Dear Diary …
I’ve had it with tall people. Y’all gots to go.
And I know what you’re gonna say …
[high pitched and whiny] “WHY???? We can’t control it”
Actually … let me give it more of a tall people voice …
[deeper] “Why? We can’t control it”
That might be the case … but I don’t see any of y’all crouching down to get out of the way either.
Because what I see instead when I go to a concert … and specifically I’m talking about a concert with no seats … you’re all just in there together … fighting for position …
All I see … Is your head. Your big ol’ head … rising above everybody else’s …
And typically that head is located directly in front of me. I don’t know what it is … these gigantors always seem to find me and plop their Abominable Snowman selves right in front of me.
And I know we’re all about inclusion and accepting everybody … so fine … I accept you … ridiculously tall person … but you’re gonna just need to have your own area.

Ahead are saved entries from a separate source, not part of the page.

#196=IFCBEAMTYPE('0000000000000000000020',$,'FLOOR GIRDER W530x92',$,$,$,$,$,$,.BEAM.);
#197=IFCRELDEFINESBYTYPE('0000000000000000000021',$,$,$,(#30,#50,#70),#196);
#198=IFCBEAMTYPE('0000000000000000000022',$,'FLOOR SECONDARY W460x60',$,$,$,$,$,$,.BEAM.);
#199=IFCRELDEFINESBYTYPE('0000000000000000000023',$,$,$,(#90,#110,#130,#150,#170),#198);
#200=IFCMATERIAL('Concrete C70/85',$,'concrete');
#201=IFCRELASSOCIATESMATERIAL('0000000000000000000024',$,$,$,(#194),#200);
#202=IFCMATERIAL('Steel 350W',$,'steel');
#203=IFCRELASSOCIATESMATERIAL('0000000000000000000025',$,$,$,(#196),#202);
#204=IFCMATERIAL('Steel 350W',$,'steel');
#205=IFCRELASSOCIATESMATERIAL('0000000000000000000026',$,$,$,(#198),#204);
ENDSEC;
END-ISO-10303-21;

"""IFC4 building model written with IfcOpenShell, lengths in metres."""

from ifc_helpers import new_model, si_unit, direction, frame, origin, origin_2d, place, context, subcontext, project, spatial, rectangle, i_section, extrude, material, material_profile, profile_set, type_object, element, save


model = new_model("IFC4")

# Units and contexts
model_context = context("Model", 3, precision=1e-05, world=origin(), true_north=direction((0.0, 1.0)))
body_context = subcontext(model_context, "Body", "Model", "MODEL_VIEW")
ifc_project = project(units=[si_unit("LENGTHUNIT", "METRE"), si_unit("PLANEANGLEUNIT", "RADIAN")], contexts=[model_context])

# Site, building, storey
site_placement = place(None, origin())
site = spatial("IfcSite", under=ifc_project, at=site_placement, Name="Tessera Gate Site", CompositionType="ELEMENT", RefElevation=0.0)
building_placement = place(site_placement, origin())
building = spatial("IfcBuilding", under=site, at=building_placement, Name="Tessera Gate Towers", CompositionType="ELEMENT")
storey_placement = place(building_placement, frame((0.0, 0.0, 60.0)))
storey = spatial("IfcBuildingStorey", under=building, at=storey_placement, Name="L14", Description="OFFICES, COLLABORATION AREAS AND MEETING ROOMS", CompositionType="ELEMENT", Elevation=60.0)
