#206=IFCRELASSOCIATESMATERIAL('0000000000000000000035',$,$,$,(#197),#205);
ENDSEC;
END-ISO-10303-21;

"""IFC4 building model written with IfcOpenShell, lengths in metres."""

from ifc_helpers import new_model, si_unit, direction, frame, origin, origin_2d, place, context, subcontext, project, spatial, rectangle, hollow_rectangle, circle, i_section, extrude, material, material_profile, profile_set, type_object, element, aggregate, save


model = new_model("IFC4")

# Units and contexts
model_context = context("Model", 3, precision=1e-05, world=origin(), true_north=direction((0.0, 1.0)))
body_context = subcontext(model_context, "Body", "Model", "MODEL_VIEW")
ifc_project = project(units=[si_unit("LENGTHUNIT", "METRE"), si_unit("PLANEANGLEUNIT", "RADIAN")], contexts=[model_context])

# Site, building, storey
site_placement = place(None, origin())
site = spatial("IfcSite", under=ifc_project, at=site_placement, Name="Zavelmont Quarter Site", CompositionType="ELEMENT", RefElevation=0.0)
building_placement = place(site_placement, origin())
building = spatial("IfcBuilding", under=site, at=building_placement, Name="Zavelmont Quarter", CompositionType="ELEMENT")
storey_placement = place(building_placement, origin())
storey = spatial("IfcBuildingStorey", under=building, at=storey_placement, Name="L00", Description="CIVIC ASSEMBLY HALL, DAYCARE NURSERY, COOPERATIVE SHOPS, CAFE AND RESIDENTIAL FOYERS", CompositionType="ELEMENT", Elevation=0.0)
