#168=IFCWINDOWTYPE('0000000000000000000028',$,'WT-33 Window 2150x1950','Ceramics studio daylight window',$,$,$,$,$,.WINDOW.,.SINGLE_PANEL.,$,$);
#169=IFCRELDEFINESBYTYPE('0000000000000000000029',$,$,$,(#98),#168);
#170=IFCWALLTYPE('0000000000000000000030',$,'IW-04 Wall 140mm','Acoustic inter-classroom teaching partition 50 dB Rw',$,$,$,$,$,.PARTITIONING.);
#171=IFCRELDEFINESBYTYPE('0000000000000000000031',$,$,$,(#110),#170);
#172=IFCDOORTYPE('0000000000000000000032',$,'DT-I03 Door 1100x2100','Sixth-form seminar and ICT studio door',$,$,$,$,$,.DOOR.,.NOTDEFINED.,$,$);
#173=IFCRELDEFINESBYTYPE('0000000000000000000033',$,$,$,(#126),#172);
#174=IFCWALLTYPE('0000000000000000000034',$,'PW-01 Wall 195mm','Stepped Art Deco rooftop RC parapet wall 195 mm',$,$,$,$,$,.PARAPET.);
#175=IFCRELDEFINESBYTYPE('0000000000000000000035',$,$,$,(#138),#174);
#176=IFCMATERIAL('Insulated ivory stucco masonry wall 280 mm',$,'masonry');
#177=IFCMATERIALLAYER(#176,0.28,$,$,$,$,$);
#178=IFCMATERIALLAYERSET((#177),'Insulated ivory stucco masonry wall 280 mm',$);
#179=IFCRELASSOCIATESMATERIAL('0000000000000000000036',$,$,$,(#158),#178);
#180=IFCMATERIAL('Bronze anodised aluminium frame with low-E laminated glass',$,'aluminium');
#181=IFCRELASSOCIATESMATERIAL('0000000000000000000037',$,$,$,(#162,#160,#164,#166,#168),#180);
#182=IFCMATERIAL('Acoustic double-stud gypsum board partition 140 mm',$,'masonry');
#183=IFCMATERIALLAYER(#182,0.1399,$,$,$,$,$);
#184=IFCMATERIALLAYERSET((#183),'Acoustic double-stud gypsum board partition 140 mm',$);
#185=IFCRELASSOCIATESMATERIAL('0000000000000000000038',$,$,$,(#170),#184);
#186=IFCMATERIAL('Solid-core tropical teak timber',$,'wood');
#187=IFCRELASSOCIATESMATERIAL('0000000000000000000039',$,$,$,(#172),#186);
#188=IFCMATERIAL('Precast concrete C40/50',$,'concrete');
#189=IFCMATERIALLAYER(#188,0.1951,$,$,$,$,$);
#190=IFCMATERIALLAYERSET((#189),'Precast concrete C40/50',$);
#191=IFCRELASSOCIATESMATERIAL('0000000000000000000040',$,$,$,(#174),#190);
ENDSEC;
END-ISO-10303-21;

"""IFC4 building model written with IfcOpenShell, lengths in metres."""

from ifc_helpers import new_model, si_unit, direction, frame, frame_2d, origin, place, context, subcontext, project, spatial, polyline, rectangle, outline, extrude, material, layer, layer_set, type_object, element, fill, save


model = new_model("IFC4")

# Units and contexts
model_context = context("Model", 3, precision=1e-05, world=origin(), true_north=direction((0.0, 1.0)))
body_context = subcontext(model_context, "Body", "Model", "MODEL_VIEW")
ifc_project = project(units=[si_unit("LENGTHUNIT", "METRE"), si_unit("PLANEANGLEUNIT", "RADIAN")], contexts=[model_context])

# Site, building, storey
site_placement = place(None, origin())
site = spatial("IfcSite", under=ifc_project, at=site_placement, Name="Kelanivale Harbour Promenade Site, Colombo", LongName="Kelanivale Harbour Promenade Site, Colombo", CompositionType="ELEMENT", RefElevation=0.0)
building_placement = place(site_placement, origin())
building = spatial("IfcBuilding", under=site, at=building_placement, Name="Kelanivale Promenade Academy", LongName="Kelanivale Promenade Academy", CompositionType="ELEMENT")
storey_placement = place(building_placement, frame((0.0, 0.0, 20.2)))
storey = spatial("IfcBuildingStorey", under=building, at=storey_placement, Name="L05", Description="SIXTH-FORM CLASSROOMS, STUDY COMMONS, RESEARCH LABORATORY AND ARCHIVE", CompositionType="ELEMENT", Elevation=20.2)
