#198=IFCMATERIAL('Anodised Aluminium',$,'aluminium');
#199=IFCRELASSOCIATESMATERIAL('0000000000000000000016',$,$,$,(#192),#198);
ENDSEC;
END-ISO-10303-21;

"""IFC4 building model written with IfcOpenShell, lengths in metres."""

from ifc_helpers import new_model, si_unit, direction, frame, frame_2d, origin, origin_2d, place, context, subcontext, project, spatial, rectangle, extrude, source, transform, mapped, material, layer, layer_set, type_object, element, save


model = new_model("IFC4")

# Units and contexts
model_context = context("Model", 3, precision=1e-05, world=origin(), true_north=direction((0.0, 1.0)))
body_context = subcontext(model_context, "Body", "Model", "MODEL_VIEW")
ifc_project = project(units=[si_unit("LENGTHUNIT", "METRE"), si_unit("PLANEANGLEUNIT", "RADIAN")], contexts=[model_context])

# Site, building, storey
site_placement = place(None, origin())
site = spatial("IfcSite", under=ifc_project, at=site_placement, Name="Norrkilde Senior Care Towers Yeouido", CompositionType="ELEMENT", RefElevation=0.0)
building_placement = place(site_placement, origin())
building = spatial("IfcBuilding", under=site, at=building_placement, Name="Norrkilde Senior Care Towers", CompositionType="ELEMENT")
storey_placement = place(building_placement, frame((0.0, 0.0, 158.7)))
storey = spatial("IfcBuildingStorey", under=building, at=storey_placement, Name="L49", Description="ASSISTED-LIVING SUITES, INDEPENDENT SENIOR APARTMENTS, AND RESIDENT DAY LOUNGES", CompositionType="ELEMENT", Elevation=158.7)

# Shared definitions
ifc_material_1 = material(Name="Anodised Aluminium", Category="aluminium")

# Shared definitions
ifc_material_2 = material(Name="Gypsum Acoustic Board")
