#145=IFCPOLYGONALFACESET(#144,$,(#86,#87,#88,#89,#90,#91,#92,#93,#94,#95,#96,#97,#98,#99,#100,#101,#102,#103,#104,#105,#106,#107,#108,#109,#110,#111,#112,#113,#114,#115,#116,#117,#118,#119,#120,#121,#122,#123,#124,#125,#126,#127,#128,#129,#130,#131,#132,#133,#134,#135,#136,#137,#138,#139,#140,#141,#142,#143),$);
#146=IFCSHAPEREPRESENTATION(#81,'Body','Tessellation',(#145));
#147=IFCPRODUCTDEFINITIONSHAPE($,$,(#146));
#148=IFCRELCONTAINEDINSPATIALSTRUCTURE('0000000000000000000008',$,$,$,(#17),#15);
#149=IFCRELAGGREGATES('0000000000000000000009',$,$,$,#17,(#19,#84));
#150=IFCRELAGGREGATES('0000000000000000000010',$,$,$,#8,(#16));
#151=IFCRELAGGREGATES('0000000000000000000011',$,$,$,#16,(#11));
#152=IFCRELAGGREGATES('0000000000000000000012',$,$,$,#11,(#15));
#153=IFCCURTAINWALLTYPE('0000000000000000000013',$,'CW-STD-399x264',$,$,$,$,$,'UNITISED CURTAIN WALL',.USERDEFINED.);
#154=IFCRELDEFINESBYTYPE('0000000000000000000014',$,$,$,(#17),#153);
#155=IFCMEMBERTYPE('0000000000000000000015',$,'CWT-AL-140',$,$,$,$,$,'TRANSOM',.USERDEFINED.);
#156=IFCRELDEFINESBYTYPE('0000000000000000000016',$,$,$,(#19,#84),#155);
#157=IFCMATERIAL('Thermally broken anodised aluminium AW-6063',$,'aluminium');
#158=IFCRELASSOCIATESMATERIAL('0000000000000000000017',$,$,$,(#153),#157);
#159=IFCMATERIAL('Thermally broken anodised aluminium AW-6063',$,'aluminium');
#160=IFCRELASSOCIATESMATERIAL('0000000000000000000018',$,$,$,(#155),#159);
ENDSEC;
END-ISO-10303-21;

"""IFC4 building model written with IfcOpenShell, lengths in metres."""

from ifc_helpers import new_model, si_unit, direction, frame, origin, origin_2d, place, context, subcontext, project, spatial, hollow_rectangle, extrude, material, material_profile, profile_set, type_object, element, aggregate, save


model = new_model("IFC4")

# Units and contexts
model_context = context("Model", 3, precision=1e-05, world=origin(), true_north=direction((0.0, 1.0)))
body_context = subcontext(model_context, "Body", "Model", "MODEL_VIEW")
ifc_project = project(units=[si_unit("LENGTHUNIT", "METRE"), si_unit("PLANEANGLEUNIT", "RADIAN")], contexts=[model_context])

You don’t get to hang out with the rest of us regular sized people … because you don’t operate with any “gigantor awareness.”
Like why you standing right in the middle of the crowd and up at the front? You’re blocking at least a hundred people behind you with your skull. Ain’t there a wall somewhere you can stand up against? You don’t need to be that close … you can see just fine a little further back … you know … like a giant bird on a perch or whatever.
But noooooo …. You gotta stand there in the way, “I wanna stand here.” No crouchin’ … no slouchin’ … just towering over everyone else. And usually rubbin’ it in … last show I went to … trapped behind a woman who was at least 6’2” or 6’3” … AND … she had big thick boots on that added a couple more inches … AND … was standing on her tiptoes … AND jumping up and down as high as she could … over and over again.
Sorry all you Groots out there … you need your own “tall people section” or something … cuz the rest of us are sick of the back of your head.